MEME Examples

The following examples use data files provided in this release of MEME. MEME writes its output to standard output, so you will want to redirect it to a file in order for use with the program MAST.

1) A simple DNA example:

$ meme crp0.s -dna -mod oops -pal > ex1

MEME looks for a single motif in the file crp0.s which contains DNA sequences in FASTA format.
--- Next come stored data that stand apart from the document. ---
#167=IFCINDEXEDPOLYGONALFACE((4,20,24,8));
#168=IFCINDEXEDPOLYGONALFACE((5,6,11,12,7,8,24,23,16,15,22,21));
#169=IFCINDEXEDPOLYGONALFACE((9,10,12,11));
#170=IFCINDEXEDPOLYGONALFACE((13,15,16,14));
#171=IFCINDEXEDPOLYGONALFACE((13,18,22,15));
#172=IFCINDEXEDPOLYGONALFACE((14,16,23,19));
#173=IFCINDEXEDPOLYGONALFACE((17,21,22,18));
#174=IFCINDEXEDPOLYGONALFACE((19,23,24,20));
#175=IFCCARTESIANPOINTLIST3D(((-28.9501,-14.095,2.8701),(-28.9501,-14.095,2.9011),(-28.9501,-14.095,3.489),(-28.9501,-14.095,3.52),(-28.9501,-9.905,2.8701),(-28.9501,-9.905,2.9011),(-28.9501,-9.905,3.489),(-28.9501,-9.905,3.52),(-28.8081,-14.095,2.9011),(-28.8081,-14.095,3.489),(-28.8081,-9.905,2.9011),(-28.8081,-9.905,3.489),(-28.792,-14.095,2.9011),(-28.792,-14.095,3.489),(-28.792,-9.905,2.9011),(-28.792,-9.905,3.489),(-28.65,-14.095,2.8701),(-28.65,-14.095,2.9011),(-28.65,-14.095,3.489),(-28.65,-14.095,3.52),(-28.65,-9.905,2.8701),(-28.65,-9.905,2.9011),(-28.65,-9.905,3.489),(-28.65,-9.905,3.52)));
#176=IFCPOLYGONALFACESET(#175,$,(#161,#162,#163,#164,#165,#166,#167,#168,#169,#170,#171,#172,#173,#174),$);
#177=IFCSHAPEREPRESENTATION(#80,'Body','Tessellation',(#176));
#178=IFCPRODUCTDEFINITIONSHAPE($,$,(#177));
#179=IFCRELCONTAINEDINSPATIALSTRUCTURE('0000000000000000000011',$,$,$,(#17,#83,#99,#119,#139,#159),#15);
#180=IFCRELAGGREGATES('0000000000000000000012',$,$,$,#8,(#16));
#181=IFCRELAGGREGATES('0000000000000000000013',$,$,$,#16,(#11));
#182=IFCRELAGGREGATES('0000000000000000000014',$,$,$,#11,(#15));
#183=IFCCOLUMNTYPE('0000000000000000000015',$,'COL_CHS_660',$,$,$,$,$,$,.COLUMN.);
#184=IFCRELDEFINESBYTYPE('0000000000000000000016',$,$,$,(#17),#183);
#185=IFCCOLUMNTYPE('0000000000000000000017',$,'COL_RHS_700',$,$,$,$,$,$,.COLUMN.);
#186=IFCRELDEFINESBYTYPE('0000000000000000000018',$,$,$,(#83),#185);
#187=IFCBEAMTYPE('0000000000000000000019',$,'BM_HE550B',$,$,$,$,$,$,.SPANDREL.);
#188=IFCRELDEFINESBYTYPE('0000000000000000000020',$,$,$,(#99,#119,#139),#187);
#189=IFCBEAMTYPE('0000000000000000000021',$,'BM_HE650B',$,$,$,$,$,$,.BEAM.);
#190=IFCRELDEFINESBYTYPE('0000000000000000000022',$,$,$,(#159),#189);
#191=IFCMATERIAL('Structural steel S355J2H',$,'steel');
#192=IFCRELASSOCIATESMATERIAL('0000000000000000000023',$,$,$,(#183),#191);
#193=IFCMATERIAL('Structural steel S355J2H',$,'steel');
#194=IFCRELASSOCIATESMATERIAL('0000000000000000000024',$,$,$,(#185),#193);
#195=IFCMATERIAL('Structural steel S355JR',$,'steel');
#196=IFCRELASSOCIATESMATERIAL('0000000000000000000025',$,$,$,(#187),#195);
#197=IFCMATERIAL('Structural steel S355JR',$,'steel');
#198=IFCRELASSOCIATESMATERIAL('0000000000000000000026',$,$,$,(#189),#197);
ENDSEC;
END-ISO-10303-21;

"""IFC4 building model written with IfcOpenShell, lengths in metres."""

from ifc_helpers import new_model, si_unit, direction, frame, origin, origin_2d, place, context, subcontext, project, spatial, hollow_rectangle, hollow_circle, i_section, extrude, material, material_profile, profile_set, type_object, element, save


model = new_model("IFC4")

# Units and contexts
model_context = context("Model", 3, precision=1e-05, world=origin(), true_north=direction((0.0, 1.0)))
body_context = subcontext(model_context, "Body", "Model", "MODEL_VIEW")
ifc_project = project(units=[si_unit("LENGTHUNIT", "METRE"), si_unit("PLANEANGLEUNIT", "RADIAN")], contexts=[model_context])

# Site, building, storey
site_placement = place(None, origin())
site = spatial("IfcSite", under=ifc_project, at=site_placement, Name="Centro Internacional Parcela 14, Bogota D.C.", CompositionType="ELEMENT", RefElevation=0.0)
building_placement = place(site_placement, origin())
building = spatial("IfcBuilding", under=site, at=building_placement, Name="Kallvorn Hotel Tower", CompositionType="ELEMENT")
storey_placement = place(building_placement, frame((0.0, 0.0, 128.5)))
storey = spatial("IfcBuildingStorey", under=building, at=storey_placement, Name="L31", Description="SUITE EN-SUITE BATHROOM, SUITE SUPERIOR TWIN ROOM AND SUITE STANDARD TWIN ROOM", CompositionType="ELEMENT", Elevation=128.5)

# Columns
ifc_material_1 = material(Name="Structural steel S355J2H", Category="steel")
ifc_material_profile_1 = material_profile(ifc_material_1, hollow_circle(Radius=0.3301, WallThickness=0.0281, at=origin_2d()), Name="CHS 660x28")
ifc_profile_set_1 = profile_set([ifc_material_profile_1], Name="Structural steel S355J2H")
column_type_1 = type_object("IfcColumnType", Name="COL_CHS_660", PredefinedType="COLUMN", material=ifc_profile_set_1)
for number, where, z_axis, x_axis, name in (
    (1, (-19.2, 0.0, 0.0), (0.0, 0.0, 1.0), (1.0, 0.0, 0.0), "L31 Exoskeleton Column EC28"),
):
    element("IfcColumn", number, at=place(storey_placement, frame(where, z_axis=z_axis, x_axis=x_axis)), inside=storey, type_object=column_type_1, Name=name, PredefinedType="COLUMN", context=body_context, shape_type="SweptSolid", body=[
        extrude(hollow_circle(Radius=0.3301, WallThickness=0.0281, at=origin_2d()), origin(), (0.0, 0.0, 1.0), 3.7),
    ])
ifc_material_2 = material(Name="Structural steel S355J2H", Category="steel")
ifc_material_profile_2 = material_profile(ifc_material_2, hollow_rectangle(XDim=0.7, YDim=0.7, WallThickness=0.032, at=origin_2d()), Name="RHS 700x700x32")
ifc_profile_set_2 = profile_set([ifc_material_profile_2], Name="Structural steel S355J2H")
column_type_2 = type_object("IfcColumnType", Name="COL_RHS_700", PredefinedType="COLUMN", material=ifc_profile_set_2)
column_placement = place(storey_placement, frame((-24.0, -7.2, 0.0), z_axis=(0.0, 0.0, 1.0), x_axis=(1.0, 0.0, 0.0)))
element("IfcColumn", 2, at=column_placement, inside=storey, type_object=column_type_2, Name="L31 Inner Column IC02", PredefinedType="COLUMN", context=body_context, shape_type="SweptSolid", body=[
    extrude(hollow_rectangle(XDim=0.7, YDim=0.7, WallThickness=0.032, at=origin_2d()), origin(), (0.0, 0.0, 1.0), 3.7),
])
The OOPS model is used so MEME assumes that every sequence contains exactly one occurrence of the motif. The palindrome switch is given so motifs are tested to see if they are palindromes and reported as such if they are. MEME automatically chooses the best width for the motif in this example since no width was specified.

2) A fast DNA example:

$ meme crp0.s -dna -mod oops -pal -w 20 -noshorten > ex2

This example differs from example 1) in that MEME is told to only consider motifs of width 20. This causes MEME to execute about 10 times faster. The -w and -noshorten switches can also be used with protein datasets if the width of the motifs are known in advance.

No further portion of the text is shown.